Coat of Arms of the House of Laval

Anne de Laval (1385 – 25 January 1466) was a French noblewoman. She was the ruling Dame/Seigneur de Laval in 1414–1429.

She was the daughter of Jeanne de Laval-Tinténiac and her second husband Guy XII de Laval (died 1412), governor of Brittany and baron of Laval (Jeanne's first husband had been Bertrand du Guesclin).

== Titles ==
Anne was the hereditary dame of Laval, hereditary baronne of Vitré, hereditary countess of Rennes, of Châtillon, of Gavre, of Acquigny, of Aubigné, Courbeveille, hereditary dame of Tinténiac, of Bécherel and of Romillé. She inherited all these titles from the successive accidental deaths of her two brothers, Guy and Francois.

== Family ==
On 22 January 1404, as daughter and sole heir of Guy XII de Laval, she married Jean de Montfort, lord of Montfort and of Kergolay.

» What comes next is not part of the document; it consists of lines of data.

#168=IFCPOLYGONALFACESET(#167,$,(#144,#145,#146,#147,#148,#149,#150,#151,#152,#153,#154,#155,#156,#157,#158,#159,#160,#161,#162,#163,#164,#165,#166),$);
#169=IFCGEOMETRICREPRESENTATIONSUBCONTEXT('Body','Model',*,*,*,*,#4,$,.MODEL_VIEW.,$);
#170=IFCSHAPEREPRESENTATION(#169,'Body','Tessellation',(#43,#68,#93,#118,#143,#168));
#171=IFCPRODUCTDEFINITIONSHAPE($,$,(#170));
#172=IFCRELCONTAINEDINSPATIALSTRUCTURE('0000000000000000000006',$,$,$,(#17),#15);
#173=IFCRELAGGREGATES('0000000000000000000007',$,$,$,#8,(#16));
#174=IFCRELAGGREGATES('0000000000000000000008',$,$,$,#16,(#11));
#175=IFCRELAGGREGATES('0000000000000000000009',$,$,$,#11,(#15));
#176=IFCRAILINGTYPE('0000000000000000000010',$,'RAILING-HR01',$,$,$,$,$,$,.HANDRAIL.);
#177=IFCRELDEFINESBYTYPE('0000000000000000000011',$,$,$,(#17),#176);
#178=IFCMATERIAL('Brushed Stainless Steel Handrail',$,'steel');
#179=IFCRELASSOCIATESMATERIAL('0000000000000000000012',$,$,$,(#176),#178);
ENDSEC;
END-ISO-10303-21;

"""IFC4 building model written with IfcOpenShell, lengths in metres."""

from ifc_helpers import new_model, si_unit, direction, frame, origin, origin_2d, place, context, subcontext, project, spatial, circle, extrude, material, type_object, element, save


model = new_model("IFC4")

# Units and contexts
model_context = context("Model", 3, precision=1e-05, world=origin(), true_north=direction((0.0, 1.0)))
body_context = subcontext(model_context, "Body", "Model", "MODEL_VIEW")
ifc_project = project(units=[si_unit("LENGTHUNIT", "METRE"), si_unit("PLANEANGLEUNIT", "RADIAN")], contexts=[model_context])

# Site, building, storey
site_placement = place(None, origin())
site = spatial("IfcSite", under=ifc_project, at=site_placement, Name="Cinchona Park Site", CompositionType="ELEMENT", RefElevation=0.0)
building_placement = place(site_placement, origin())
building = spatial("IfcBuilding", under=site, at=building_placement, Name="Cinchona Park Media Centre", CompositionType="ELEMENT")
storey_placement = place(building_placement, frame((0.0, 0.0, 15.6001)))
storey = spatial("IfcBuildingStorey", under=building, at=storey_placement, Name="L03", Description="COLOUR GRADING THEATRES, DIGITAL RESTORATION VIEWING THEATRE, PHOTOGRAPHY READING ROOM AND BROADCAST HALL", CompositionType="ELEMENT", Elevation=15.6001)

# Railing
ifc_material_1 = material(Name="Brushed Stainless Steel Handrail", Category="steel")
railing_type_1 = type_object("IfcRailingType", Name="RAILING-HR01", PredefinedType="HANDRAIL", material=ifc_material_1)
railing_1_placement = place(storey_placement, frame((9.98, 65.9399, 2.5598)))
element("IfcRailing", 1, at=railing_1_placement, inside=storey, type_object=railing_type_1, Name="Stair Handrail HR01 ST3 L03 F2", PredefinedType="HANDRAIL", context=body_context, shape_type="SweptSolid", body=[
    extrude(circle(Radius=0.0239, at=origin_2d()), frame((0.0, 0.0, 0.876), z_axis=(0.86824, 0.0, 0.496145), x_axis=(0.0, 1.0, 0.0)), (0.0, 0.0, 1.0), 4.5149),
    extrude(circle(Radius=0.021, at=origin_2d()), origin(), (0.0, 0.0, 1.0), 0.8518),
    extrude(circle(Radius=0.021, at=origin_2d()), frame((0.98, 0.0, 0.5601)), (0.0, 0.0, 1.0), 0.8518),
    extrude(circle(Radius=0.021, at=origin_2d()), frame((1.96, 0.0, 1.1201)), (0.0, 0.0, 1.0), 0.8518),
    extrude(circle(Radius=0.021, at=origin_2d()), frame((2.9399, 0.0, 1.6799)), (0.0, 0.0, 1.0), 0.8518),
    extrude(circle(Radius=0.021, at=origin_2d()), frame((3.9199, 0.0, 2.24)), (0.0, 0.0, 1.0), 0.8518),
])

One of the conditions of the marriage was that any children born to it would bear the name and arms of Laval. Jean de Montfort renounced the name and title he had been born with to take up the name of Guy XIII de Laval, better to associate himself with his wife Anne's power. Guy and Anne had 5 children:

- Guy XIV de Laval
- André de Lohéac
- Louis de Laval(d.1489)
- Jeanne de Laval (Dame de Campzillon), who in 1424 married Louis I de Bourbon-Vendôme
- Catherine de Laval (Dame de Chauvigny) who married Guy de Chauvigny vicomte de Brosse

==Sources==
- Walsby, Malcolm (2007). "The Counts of Laval: Culture, Patronage and Religion in Fifteenth- and Sixteenth-Century France"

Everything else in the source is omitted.